The distribution of HR-HPV genotypes across tumour grades in Table 2 revealed that HPV52 was most commonly detected in Grade 1 tumours, while HPV39 and HPV59 were found only in Grade 3, raising the possibility of genotype-specific associations with tumour aggressiveness. However, due to the small sample size, these trends require further investigation.

Of the 17 HR-HPV-positive bladder cancers, 6 cases (12.2%) exhibited co-infection with multiple HR-HPV types, as shown in Table 3. Co-infections were most frequent in Grade 1 tumours (19%), compared to Grade 3 (11%) and Grade 2 (7%). Although a direct association between co-infection and tumour grade was not observed, the presence of multiple HR-HPV types suggests potential synergistic interactions that may promote viral persistence or increase oncogenic potential, consistent with findings in other HPV-related cancers [7,8].

Specific genotype combinations observed in Table 4, such as HPV16–HPV39, HPV35–HPV66, and HPV16–HPV33–HPV52, further highlight the diversity of co-infections in bladder cancer.
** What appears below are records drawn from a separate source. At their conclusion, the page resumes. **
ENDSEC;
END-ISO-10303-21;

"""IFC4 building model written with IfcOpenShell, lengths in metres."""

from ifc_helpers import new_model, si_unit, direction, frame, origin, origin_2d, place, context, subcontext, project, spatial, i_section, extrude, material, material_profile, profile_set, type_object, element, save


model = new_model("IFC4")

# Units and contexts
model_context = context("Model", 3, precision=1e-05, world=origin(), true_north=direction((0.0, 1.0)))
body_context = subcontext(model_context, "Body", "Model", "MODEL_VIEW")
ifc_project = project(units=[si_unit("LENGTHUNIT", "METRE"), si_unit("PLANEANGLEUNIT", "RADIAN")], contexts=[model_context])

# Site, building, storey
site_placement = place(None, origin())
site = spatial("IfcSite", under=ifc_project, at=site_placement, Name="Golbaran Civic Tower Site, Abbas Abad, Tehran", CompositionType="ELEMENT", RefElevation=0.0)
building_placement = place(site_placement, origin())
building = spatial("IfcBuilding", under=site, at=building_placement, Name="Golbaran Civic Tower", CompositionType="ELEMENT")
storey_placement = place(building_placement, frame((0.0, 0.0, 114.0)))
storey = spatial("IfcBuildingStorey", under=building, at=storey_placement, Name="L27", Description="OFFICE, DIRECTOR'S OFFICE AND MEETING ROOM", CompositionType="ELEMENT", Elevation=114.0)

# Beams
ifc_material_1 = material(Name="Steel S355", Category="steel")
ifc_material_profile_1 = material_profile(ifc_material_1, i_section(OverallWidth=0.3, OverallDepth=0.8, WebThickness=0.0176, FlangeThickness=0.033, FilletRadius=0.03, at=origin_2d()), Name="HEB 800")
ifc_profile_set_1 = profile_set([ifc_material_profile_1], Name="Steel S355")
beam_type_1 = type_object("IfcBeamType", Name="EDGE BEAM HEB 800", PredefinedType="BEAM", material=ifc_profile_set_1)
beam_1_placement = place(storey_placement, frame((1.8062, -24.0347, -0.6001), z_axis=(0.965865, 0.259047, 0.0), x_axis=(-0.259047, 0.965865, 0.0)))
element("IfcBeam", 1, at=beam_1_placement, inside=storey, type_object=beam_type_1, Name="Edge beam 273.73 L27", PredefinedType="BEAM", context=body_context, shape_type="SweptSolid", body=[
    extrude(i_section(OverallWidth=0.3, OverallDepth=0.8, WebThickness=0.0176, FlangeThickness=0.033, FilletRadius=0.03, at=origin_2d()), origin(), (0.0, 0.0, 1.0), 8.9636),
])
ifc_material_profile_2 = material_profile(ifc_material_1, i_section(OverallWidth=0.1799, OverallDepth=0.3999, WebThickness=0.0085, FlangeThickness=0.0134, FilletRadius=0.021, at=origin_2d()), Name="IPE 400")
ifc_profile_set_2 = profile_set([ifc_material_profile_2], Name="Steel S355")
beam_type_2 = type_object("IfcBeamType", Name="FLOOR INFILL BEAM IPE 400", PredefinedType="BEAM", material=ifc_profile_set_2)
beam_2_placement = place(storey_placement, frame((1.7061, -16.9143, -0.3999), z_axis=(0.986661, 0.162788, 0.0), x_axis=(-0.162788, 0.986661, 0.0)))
These combinations could result in more aggressive oncogenic behaviour, as suggested in cervical cancer literature, although this hypothesis remains to be validated in bladder cancer models [9].

Although DNA-based detection methods confirm the presence of HPV genetic material, they do not differentiate between latent, cleared, or transcriptionally active infections [10,21]. Therefore, this study also assessed the expression of HPV E7 oncoprotein via immunohistochemistry in all HR-HPV-positive samples. Thirteen out of 16 (81%) samples showed E7 expression, confirming active viral gene expression in the majority of cases. Conversely, three HPV DNA-positive samples were negative for E7 expression, possibly due to early-stage infection or immune-mediated clearance, consistent with the “hit-and-run” hypothesis of HPV-related oncogenesis [23].
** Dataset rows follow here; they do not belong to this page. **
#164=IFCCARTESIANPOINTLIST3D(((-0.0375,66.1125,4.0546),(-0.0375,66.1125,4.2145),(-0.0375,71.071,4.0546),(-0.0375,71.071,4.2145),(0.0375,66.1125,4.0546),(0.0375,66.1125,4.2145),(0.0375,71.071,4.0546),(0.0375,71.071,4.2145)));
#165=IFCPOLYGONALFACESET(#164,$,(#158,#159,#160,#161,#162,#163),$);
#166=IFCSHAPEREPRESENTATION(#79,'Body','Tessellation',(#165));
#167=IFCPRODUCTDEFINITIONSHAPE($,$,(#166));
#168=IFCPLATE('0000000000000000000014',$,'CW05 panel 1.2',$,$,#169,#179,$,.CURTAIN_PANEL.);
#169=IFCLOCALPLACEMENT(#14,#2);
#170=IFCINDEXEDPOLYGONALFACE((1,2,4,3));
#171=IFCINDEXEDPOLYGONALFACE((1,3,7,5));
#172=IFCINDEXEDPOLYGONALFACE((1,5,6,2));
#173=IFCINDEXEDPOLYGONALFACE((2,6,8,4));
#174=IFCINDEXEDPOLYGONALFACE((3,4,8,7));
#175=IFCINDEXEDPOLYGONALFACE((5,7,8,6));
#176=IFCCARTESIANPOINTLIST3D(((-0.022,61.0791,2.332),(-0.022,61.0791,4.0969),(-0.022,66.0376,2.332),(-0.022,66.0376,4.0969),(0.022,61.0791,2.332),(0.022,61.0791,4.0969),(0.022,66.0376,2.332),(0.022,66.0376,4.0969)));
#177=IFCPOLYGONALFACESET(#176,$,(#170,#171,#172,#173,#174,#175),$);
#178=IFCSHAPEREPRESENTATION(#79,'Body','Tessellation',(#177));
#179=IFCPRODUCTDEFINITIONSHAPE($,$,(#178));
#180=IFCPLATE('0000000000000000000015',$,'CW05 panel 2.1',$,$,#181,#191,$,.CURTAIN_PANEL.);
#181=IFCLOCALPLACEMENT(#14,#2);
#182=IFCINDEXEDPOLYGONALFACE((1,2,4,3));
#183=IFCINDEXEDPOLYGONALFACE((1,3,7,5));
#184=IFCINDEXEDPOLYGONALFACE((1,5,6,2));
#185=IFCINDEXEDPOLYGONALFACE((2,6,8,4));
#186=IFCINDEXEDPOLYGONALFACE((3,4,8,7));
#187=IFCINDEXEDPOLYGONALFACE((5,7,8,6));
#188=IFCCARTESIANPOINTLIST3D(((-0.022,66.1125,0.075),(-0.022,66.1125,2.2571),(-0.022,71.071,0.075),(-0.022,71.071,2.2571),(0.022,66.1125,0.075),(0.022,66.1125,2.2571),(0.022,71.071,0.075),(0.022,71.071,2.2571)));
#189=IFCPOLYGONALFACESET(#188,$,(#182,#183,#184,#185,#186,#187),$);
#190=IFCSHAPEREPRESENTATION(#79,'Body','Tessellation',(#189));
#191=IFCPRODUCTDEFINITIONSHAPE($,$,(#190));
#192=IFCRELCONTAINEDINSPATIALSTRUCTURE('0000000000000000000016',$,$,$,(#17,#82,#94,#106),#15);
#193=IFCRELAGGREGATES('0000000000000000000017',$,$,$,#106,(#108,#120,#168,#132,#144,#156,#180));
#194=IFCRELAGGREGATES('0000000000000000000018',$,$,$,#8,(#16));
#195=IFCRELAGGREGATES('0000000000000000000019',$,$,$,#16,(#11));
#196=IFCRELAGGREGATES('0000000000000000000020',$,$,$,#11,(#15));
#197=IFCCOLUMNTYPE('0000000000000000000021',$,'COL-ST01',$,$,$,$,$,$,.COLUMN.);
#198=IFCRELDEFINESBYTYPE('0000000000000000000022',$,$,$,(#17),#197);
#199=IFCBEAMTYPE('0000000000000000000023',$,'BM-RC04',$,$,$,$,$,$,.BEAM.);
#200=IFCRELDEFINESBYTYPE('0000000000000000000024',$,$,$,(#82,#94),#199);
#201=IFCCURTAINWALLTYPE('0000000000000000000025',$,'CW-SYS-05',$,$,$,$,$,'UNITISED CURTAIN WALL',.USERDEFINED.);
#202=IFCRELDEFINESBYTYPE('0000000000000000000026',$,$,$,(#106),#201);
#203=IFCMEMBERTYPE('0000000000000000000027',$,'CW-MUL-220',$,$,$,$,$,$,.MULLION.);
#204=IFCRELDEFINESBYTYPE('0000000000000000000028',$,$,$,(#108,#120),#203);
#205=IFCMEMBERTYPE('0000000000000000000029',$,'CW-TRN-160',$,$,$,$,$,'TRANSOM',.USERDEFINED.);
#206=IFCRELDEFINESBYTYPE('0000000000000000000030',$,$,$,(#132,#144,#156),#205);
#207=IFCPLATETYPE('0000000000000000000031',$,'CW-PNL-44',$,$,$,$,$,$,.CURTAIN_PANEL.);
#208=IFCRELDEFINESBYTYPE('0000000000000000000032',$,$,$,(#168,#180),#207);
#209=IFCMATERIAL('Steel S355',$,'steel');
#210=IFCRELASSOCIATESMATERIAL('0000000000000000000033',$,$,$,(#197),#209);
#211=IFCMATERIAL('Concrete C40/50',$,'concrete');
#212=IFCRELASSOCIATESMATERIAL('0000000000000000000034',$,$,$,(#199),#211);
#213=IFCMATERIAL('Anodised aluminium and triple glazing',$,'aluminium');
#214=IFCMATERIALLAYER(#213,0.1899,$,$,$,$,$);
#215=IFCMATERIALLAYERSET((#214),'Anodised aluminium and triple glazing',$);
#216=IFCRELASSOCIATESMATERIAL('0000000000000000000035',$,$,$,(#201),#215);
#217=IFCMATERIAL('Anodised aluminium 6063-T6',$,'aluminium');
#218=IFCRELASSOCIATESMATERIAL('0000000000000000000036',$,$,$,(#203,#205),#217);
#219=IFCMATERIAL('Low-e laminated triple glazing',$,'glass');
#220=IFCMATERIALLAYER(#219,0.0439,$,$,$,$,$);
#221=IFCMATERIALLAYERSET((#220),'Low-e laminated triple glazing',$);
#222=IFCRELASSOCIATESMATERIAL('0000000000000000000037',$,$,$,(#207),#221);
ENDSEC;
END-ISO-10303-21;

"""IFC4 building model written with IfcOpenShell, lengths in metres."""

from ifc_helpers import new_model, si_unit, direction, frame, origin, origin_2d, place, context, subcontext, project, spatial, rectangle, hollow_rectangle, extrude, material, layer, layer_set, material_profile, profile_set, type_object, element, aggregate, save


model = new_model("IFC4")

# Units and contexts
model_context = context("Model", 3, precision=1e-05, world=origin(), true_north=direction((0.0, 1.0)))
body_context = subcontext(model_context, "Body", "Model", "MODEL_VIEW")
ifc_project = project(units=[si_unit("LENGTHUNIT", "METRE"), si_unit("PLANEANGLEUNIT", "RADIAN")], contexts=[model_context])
The variability in E7 staining intensity across samples (Figure 3) may reflect differences in viral load, gene integration status, or host immune responses. Interestingly, some co-infected samples lacked E7 expression, suggesting that not all HR-HPV presence translates into oncogenic activity, which aligns with observations in HPV-mediated oropharyngeal and breast cancers [14,23].
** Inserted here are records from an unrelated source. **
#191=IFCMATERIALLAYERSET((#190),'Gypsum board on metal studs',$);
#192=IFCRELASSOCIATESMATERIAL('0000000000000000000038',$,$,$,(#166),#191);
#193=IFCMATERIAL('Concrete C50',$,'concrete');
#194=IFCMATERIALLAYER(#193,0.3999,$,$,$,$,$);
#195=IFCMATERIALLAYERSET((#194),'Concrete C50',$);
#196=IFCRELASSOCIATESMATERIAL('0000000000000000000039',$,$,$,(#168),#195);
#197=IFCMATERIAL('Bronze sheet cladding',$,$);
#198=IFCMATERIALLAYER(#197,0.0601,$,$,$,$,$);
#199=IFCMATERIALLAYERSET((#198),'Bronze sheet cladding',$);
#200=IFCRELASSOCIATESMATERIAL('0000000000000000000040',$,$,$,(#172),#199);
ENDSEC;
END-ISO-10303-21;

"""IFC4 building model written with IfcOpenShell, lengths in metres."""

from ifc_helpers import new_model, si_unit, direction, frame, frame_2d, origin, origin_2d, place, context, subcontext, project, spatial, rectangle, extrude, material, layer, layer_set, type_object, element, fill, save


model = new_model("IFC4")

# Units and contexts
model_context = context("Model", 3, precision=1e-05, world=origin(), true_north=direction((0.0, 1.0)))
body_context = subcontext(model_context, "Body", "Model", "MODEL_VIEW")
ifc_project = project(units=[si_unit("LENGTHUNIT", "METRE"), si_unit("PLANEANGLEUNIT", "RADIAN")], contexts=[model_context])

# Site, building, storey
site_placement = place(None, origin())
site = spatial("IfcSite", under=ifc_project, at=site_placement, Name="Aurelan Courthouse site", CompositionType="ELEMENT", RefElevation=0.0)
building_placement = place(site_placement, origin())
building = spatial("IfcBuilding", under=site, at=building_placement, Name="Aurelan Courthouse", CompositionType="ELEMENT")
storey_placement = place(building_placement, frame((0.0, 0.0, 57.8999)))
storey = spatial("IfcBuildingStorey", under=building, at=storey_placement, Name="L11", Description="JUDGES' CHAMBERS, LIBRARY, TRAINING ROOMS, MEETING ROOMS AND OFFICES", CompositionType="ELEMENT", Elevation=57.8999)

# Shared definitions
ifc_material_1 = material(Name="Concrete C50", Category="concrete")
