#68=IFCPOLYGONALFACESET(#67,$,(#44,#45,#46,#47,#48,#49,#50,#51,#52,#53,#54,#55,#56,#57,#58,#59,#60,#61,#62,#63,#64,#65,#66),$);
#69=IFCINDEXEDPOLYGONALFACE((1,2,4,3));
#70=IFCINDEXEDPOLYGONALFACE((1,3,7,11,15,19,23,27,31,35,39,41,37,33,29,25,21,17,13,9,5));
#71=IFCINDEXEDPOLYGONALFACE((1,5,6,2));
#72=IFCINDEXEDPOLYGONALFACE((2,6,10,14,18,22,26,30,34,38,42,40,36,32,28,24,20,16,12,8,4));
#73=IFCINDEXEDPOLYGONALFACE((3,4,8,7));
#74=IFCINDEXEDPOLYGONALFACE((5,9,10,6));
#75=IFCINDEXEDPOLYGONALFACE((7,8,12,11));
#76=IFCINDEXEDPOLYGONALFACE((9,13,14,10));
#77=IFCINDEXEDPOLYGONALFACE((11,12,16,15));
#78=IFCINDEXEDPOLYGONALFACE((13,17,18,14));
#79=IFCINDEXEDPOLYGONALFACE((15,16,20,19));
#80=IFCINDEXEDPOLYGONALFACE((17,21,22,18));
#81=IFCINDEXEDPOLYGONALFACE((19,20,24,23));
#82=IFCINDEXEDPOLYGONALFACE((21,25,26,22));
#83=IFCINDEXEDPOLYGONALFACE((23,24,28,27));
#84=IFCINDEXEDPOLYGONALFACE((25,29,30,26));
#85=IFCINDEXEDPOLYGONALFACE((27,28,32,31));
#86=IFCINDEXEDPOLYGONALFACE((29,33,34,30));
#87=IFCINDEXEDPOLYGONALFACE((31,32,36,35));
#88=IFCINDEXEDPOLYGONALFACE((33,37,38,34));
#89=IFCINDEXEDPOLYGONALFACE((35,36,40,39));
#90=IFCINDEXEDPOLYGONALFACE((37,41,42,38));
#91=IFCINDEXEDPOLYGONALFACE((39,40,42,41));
Demographic data from this cohort showed that 85% of the bladder cancer patients were male, and the majority were over 60 years of age, matching national and international bladder cancer trends [2,22]. These findings reinforce the representativeness of our sample for the UK bladder cancer population and highlight the need for gender- and age-specific analyses in future studies.

This investigation also has public health implications. The detection of HR-HPV types such as HPV35, HPV52, and HPV66—not currently covered by first-generation HPV vaccines—raises important questions about the scope of current vaccination strategies [24]. If further studies confirm a pathogenic role of these types in bladder cancer, broader or regionally tailored vaccines may be necessary. Moreover, increasing awareness of HPV’s role beyond cervical cancer could improve early detection, prevention, and patient outcomes.

Nevertheless, this is the first UK-based study to investigate the prevalence and expression of 12 HR-HPV genotypes in fresh bladder cancer tissue. The results contribute to a growing body of evidence suggesting that HPV may be involved in bladder carcinogenesis, at least in a subset of cases. These findings suggest the need for further mechanistic studies and larger epidemiological analyses across different populations.